Prima di riporre il blocco nel piccolo zaino che portavo con me, mi chiesi cosa si provasse ad essere amanti in modo così totale. La gelosia bruciava la mia anima come un fuoco e l’invidia mi accecava alle volte. Disegnavo il volto di Matteo, crudelmente impresso nella mia mente, e poi lo scarabocchiavo rabbiosamente.

Non potevo fare altro, del resto. Ero impotente di fronte a quell’amore che non sarebbe mai stato mio.

Forse Nicola mi avrebbe guardato un giorno e magari amato. Più di quanto si ama un amico, ma non sarebbe   mai stato come con Matteo.    
  
Lo guardai alzarsi, stiracchiarsi, sbadigliare e poi allontanarsi ciondolando, le mani in tasca e una canzone sussurrata fra le labbra. Le spalle del biondo, seppur piccole, erano diritte, fiere. Lo sguardo teso verso un obbiettivo, un futuro che non  comprendeva me.

L’amore era piacevole si, ma doloroso.

Ripresi il blocco e lo aprii. Fissai lo schizzo in bianco e nero, e lo accarezzai con le dita. Posai le labbra sopra il volto abbozzato, consapevole che per quanto la carta fosse morbida, non era paragonabile a delle labbra vere.

Alle volte, il desiderio di baciare Nicola, di sfiorare la sua pelle e sentire il suo calore, era così intenso che qualcosa dentro di me spingeva avanti contro la mia stessa volontà.

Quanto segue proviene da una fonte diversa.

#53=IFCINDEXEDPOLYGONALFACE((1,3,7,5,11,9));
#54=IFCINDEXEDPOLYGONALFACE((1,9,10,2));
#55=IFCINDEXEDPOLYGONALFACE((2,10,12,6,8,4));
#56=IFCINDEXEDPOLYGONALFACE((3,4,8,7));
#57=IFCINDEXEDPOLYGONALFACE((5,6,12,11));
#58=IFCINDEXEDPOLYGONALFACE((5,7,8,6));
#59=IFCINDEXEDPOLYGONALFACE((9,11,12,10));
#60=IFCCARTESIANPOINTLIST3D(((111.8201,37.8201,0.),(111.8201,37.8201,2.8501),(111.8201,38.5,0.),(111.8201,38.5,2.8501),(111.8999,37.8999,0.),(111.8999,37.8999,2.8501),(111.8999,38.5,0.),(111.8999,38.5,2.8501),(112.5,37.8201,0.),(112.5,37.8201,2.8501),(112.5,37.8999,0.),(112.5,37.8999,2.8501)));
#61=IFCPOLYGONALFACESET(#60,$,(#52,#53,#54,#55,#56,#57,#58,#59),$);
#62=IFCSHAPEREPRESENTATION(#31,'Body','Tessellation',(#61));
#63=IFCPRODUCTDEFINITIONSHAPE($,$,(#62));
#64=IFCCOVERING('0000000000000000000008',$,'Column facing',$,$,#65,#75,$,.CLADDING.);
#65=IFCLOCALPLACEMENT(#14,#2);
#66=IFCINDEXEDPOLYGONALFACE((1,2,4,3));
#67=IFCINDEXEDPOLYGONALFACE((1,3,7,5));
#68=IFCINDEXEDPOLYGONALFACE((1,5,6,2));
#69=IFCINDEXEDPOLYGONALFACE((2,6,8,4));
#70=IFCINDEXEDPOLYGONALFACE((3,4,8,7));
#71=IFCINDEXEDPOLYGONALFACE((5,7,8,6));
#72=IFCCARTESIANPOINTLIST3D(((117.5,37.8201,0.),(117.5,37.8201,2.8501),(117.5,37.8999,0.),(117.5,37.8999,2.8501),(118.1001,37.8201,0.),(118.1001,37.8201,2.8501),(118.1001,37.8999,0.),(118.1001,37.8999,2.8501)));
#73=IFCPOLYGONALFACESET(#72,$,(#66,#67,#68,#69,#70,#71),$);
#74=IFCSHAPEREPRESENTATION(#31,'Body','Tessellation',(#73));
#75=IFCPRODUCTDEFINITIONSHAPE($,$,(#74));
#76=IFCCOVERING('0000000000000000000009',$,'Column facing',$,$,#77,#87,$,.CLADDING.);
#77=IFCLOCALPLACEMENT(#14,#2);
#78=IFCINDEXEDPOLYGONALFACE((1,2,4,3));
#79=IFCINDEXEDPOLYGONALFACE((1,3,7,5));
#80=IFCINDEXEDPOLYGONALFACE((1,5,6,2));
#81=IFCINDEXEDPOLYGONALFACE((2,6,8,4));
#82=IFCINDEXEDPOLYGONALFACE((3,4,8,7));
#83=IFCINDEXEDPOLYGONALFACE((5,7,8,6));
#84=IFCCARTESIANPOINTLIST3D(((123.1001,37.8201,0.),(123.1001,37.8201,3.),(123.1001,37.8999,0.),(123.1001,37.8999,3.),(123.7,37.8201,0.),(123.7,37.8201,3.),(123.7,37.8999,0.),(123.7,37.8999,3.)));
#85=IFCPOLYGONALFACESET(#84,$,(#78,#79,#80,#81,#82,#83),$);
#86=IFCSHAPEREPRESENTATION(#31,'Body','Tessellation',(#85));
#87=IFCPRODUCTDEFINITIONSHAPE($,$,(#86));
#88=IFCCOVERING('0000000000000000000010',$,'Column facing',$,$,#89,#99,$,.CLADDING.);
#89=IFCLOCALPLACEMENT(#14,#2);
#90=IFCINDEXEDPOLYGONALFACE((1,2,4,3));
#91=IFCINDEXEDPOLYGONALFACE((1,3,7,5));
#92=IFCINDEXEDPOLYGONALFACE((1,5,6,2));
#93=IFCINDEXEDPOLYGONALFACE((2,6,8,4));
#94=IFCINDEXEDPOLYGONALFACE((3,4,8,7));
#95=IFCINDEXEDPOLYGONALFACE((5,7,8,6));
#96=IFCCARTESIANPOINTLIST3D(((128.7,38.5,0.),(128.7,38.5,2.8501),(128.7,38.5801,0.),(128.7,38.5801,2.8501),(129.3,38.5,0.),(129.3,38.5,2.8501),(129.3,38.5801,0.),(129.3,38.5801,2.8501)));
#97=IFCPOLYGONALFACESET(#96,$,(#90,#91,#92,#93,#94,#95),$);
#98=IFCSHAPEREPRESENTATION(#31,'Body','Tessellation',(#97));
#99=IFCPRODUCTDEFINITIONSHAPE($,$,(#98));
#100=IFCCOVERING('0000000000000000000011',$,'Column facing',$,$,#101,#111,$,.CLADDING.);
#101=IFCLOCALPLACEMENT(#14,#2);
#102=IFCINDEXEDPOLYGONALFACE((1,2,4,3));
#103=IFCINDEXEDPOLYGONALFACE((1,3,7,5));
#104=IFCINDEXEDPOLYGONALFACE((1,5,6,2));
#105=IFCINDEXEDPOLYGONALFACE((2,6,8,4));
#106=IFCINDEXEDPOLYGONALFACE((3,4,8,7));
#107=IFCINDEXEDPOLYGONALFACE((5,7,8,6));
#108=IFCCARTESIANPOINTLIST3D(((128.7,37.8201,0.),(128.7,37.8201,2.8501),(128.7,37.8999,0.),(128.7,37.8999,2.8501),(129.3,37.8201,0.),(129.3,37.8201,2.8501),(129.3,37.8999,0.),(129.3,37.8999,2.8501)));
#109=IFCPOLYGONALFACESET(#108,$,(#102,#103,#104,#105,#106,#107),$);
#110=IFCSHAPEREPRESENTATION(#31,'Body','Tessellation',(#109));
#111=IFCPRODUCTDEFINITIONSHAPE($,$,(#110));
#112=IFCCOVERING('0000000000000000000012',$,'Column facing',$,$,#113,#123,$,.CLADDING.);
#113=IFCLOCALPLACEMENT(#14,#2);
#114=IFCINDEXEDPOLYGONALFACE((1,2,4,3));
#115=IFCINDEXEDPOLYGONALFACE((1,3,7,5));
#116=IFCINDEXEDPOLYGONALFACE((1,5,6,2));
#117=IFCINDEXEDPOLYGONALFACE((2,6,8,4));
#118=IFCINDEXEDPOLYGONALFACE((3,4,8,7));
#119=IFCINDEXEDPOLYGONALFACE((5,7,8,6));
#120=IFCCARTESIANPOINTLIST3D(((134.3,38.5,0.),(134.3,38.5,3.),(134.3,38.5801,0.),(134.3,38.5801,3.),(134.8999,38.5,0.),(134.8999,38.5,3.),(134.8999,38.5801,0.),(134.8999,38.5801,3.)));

Avevo letto molti libri per trovare una spiegazione, ma le parole sembravano solo inchiostro gettato a caso sulle pagine quando quell’insopportabile desiderio mi bruciava da dentro rendendolo vivo.

Ma non avrei mai potuto, perché quelle labbra non mi appartenevano. Erano state donate a qualcun altro che non ero io, molto tempo fa.

Continuai a fissare a lungo il Nicola sul foglio. Il mio falso Nicola, unica consolazione della mia anima affranta. Mi aveva insegnato ad amare e quale fosse il prezzo dell’amore. Ma non mi aveva mai amato, era un caro amico, e mai, mai, mai sarebbe stato qualcosa di diverso.

Quando alzai lo sguardo, Nicola se n’era andato. Le stelle e la luna brillavano beffarde, illuminando il parco vuoto.

Ero solo, e una lacrima scese sul mio viso.

Mi voltai per tornare a casa quando venni raggiunto da un ragazzo.

“Sono solo posso venire con te?”.

Era biondo, con gli occhi azzurri, mi ricordava, un altro ragazzo simile… come si chiamava… ah si Nicola…

Forse sarebbe iniziata per me una nuova vita.